Official registered versions of MLJBase 0.1.1, MLJModels 0.1.1, MLJ 0.1.1 released

  • Minor revisions to the repos, doc updates, and a small breaking change around scitype method names and associated traits. Resolves: #119

unversioned commits 12 April 2019 (around 00:10, GMT)

  • Added out-of-bag estimates for performance in homogeneous ensembles. Resolves: #77

unversioned commits 11 April 2019 (before noon, GMT)

  • Removed dependency on unregistered package TOML.jl (using, Pkg.TOML instead). Resolves #113

unversioned commits 8 April 2019 (some time after 20:00 GMT)

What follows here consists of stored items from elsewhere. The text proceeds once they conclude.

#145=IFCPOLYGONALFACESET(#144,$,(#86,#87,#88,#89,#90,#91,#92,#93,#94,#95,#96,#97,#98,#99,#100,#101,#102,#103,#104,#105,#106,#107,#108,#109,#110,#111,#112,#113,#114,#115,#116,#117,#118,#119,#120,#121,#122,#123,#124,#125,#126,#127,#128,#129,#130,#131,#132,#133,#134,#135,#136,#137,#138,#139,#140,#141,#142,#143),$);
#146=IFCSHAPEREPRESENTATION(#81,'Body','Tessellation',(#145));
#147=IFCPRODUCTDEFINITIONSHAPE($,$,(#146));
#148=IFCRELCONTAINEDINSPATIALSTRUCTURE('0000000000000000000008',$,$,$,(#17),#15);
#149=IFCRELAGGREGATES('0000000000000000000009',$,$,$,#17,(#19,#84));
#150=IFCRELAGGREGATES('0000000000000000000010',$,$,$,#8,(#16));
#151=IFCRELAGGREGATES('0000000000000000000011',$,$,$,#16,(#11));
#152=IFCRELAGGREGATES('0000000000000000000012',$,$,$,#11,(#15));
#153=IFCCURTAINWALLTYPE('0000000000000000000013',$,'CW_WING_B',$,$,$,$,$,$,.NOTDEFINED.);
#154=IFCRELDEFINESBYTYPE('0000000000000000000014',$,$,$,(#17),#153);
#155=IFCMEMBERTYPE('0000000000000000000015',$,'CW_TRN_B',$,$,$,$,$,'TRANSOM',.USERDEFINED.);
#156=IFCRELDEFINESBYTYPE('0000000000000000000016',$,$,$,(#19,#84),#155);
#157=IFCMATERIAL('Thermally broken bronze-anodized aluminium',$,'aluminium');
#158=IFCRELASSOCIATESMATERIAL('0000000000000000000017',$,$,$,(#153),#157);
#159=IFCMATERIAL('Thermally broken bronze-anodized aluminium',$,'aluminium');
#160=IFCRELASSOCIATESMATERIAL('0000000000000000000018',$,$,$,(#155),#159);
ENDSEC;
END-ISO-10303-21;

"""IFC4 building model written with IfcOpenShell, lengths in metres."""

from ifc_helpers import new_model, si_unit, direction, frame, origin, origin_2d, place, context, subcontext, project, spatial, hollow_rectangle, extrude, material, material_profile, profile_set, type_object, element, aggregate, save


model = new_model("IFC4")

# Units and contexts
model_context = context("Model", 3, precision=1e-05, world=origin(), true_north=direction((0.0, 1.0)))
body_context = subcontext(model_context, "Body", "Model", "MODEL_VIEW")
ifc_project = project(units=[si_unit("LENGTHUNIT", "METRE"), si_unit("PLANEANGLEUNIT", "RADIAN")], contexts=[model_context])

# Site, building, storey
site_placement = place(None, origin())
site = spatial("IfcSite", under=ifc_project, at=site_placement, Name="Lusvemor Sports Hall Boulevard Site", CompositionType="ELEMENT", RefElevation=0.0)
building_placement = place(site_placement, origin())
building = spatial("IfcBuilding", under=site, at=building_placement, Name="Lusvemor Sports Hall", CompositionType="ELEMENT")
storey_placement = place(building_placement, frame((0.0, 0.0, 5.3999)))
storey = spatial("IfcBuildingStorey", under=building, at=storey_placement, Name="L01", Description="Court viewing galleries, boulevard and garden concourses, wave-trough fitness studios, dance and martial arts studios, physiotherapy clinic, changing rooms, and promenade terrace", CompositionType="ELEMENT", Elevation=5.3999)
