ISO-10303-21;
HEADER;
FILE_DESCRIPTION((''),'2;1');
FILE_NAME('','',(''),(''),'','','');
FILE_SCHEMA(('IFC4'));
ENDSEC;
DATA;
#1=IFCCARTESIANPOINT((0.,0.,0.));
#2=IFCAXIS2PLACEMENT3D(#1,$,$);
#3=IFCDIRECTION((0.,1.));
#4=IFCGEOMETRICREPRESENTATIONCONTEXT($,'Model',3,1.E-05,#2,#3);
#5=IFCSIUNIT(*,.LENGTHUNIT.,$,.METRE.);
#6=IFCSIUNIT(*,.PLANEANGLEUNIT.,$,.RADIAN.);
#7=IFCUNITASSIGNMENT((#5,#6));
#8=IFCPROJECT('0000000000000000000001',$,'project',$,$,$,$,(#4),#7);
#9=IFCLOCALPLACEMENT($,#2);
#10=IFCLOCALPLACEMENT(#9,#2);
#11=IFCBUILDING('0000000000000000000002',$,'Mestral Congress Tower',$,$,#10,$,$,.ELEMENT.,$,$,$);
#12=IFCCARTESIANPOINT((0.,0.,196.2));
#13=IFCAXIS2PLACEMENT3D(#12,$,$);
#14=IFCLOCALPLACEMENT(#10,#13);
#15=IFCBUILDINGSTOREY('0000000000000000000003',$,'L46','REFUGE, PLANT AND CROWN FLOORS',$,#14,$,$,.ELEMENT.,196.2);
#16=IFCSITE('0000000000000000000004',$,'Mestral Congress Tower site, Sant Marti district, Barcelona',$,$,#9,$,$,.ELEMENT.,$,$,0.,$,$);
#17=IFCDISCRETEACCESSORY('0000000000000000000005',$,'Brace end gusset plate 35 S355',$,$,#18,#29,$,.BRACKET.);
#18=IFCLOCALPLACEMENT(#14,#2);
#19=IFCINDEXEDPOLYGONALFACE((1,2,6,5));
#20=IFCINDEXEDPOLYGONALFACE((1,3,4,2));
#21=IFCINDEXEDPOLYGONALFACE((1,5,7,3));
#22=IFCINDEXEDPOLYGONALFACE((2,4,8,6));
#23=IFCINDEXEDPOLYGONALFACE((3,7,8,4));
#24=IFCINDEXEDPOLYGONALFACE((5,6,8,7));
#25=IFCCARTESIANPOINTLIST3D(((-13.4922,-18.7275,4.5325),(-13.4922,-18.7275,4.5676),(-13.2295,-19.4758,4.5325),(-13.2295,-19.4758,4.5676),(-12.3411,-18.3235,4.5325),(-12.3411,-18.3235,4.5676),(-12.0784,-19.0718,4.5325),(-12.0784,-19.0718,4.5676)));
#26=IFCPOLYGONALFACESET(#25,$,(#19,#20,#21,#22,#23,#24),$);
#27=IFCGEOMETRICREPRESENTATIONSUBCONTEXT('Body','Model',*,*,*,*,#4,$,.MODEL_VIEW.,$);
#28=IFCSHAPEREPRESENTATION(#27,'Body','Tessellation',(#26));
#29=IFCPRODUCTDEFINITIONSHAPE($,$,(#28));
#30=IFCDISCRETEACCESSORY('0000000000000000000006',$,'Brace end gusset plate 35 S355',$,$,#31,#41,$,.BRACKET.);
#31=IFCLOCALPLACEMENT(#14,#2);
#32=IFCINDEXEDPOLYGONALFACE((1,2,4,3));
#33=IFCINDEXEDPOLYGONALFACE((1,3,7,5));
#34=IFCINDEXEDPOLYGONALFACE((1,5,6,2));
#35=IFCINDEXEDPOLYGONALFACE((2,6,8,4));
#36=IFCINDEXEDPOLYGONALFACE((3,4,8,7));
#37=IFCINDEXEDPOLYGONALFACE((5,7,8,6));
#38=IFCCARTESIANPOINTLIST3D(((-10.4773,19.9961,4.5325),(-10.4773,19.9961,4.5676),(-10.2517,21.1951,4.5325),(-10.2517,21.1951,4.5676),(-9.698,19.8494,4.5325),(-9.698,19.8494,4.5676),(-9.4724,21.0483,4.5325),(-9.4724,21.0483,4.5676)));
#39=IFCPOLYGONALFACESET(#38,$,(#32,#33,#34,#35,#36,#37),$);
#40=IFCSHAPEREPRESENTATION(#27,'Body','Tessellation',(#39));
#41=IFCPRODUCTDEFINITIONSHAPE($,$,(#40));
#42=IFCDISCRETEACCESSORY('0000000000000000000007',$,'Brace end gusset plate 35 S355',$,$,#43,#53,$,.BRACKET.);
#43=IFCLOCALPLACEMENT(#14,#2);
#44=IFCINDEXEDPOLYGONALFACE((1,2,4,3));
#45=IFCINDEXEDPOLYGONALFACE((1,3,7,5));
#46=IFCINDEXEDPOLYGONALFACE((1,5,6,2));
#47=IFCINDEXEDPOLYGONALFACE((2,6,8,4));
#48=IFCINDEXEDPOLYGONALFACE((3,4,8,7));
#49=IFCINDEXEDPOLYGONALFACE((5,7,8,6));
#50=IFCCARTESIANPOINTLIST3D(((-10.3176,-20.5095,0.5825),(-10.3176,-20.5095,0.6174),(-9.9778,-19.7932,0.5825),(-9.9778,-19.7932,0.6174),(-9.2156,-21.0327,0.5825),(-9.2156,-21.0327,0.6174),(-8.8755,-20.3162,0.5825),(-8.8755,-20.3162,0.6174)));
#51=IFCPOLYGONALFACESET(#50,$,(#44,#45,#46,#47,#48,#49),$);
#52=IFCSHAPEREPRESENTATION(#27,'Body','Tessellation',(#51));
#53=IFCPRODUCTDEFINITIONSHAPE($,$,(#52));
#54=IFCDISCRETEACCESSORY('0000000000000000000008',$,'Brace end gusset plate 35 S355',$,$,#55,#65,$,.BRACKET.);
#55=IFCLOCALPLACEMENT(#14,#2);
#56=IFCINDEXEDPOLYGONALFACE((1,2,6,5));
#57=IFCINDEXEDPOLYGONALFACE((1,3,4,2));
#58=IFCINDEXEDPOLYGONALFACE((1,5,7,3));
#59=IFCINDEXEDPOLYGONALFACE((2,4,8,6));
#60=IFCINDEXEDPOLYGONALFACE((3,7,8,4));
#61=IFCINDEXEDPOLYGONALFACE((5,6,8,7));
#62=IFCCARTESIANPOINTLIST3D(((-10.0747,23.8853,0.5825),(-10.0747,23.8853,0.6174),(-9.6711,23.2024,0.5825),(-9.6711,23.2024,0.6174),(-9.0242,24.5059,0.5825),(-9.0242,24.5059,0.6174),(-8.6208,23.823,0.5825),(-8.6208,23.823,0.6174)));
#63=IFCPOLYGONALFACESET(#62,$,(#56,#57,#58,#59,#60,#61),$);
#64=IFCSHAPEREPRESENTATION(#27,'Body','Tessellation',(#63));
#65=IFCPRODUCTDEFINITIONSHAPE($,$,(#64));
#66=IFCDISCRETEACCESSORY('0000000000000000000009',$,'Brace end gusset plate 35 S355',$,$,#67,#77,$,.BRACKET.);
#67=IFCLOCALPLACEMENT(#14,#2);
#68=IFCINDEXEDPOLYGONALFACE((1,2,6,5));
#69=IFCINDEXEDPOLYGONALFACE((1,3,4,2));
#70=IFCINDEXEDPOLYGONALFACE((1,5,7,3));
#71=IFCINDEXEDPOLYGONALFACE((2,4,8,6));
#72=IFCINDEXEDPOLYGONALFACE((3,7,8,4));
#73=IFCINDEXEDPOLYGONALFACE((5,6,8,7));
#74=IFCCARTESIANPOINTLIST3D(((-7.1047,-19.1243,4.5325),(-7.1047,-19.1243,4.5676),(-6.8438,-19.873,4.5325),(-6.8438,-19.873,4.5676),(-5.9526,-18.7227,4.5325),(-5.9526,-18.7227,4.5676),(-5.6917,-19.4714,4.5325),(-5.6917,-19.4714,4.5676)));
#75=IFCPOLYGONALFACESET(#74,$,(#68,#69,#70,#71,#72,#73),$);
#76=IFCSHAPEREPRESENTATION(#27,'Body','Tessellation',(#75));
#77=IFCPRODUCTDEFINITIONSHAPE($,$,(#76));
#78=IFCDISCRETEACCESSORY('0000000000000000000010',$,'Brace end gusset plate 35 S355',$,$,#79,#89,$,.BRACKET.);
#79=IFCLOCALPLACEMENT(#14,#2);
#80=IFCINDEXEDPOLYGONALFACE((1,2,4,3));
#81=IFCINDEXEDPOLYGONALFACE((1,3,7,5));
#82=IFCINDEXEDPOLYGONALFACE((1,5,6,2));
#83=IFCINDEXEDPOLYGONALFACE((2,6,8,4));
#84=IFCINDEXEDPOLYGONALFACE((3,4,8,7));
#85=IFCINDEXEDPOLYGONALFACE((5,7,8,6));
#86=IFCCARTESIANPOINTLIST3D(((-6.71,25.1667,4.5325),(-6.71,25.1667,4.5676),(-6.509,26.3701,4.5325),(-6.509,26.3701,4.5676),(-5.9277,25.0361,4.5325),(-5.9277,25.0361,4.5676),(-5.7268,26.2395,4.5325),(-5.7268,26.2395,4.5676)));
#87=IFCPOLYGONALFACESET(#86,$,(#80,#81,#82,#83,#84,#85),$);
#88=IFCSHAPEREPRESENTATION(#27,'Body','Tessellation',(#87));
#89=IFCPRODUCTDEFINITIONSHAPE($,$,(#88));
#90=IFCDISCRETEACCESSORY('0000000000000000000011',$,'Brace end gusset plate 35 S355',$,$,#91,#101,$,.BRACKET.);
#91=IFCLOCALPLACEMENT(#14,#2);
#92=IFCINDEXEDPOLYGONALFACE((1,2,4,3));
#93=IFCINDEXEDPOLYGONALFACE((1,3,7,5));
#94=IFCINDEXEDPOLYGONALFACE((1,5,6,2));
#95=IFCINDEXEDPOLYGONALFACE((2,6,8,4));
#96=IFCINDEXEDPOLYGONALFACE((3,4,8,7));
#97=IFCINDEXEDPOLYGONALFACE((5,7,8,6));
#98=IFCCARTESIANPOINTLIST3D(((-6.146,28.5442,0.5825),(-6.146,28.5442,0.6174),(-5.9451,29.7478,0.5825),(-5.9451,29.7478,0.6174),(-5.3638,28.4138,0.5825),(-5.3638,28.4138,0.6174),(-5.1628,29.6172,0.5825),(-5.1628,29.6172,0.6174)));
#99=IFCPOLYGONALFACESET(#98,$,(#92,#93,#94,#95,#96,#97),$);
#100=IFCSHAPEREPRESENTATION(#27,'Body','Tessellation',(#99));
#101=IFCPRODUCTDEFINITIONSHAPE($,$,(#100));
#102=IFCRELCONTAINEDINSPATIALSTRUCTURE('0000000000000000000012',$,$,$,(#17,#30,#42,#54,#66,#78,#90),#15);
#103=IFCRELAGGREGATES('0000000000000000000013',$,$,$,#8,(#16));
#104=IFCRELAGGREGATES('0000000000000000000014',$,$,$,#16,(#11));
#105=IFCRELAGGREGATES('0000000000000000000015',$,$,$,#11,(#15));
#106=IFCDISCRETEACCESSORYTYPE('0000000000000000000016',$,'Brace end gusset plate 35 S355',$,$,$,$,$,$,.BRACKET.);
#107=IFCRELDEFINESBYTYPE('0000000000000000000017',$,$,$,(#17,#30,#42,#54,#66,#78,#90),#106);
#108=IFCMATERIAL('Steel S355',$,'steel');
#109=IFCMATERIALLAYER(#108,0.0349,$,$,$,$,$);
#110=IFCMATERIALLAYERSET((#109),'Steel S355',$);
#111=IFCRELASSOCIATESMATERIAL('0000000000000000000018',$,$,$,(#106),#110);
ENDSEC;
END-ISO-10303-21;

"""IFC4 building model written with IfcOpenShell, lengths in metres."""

from ifc_helpers import new_model, si_unit, direction, frame, origin, place, context, subcontext, project, spatial, polyline, outline, extrude, material, layer, layer_set, type_object, element, save


model = new_model("IFC4")

# Units and contexts
model_context = context("Model", 3, precision=1e-05, world=origin(), true_north=direction((0.0, 1.0)))
body_context = subcontext(model_context, "Body", "Model", "MODEL_VIEW")
ifc_project = project(units=[si_unit("LENGTHUNIT", "METRE"), si_unit("PLANEANGLEUNIT", "RADIAN")], contexts=[model_context])

# Site, building, storey
site_placement = place(None, origin())
site = spatial("IfcSite", under=ifc_project, at=site_placement, Name="Mestral Congress Tower site, Sant Marti district, Barcelona", CompositionType="ELEMENT", RefElevation=0.0)
building_placement = place(site_placement, origin())
building = spatial("IfcBuilding", under=site, at=building_placement, Name="Mestral Congress Tower", CompositionType="ELEMENT")
storey_placement = place(building_placement, frame((0.0, 0.0, 196.2)))
storey = spatial("IfcBuildingStorey", under=building, at=storey_placement, Name="L46", Description="REFUGE, PLANT AND CROWN FLOORS", CompositionType="ELEMENT", Elevation=196.2)

# Discrete accessories
ifc_material_1 = material(Name="Steel S355", Category="steel")
ifc_layer_1 = layer(ifc_material_1, 0.0349)
ifc_layer_set_1 = layer_set([ifc_layer_1], Name="Steel S355")
discrete_accessory_type = type_object("IfcDiscreteAccessoryType", Name="Brace end gusset plate 35 S355", PredefinedType="BRACKET", material=ifc_layer_set_1)
placement_1 = place(storey_placement, frame((0.0, 0.0, 0.5825)))
placement_2 = place(storey_placement, frame((0.0, 0.0, 4.5325)))
element("IfcDiscreteAccessory", 1, at=placement_2, inside=storey, type_object=discrete_accessory_type, Name="Brace end gusset plate 35 S355", PredefinedType="BRACKET", context=body_context, shape_type="SweptSolid", body=[
    extrude(outline(polyline([(-12.3411, -18.3235), (-13.4922, -18.7275), (-13.2295, -19.4758), (-12.0784, -19.0718), (-12.3411, -18.3235)])), origin(), (0.0, 0.0, 1.0), 0.0352),
])
element("IfcDiscreteAccessory", 2, at=placement_2, inside=storey, type_object=discrete_accessory_type, Name="Brace end gusset plate 35 S355", PredefinedType="BRACKET", context=body_context, shape_type="SweptSolid", body=[
    extrude(outline(polyline([(-9.698, 19.8494), (-9.4724, 21.0483), (-10.2517, 21.1951), (-10.4773, 19.9961), (-9.698, 19.8494)])), origin(), (0.0, 0.0, 1.0), 0.0352),
])
element("IfcDiscreteAccessory", 3, at=placement_1, inside=storey, type_object=discrete_accessory_type, Name="Brace end gusset plate 35 S355", PredefinedType="BRACKET", context=body_context, shape_type="SweptSolid", body=[
    extrude(outline(polyline([(-8.8755, -20.3162), (-9.9778, -19.7932), (-10.3176, -20.5095), (-9.2156, -21.0327), (-8.8755, -20.3162)])), origin(), (0.0, 0.0, 1.0), 0.0349),
])
element("IfcDiscreteAccessory", 4, at=placement_1, inside=storey, type_object=discrete_accessory_type, Name="Brace end gusset plate 35 S355", PredefinedType="BRACKET", context=body_context, shape_type="SweptSolid", body=[
    extrude(outline(polyline([(-9.6711, 23.2024), (-8.6208, 23.823), (-9.0242, 24.5059), (-10.0747, 23.8853), (-9.6711, 23.2024)])), origin(), (0.0, 0.0, 1.0), 0.0349),
])
element("IfcDiscreteAccessory", 5, at=placement_2, inside=storey, type_object=discrete_accessory_type, Name="Brace end gusset plate 35 S355", PredefinedType="BRACKET", context=body_context, shape_type="SweptSolid", body=[
    extrude(outline(polyline([(-5.9526, -18.7227), (-7.1047, -19.1243), (-6.8438, -19.873), (-5.6917, -19.4714), (-5.9526, -18.7227)])), origin(), (0.0, 0.0, 1.0), 0.0352),
])
element("IfcDiscreteAccessory", 6, at=placement_2, inside=storey, type_object=discrete_accessory_type, Name="Brace end gusset plate 35 S355", PredefinedType="BRACKET", context=body_context, shape_type="SweptSolid", body=[
    extrude(outline(polyline([(-5.9277, 25.0361), (-5.7268, 26.2395), (-6.509, 26.3701), (-6.71, 25.1667), (-5.9277, 25.0361)])), origin(), (0.0, 0.0, 1.0), 0.0352),
])
element("IfcDiscreteAccessory", 7, at=placement_1, inside=storey, type_object=discrete_accessory_type, Name="Brace end gusset plate 35 S355", PredefinedType="BRACKET", context=body_context, shape_type="SweptSolid", body=[
    extrude(outline(polyline([(-5.9451, 29.7478), (-6.146, 28.5442), (-5.3638, 28.4138), (-5.1628, 29.6172), (-5.9451, 29.7478)])), origin(), (0.0, 0.0, 1.0), 0.0349),
])

save(model, "model.ifc")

  • Addition of XGBoost models XGBoostRegressor, XGBoostClassifier and XGBoostCount. Resolves #65.

  • Documentation reorganized as GitHub pages. Includes some additions but still a work in progress.

unversioned commits 1 March 2019 (some time after 03:50 GMT)

  • Addition of "scientific type" hierarchy, including Continuous, Discrete, Multiclass, and Other subtypes of Found (to complement Missing). See Getting Started for more one this. Resolves: #86

  • Revamp of model traits to take advantage of scientific types, with output_kind replaced with target_scitype_union, input_kind replaced with input_scitype. Also, output_quantity dropped, input_quantity replaced with Bool-valued input_is_multivariate, and is_pure_julia made Bool-valued. Trait definitions in all model implementations and effected meta-algorithms have been updated. Related: #81

  • Substantial update of the core guide Adding New Models to reflect above changes and in response to new model implementer queries. Some design "decisions" regarding multivariate targets now explict there.

  • the order the y and yhat arguments of measures (aka loss functions) have been reversed. Progress on: #91

  • Update of Standardizer and OneHotEncoder to mesh with new scitypes.

  • New improved task constructors infer task metadata from data scitypes. This brings us close to a simple implementation of basic task-model matching. Query the doc-strings for SupervisedTask and UnsupervisedTask for details. Machines can now dispatch on tasks instead of X and y. A task, task, is now callable: task() returns (X, y) for supervised models, and X for unsupervised models. Progress on: #86

  • the data in the load_ames() test task has been replaced by the full data set, and load_reduced_ames() now loads a reduced set.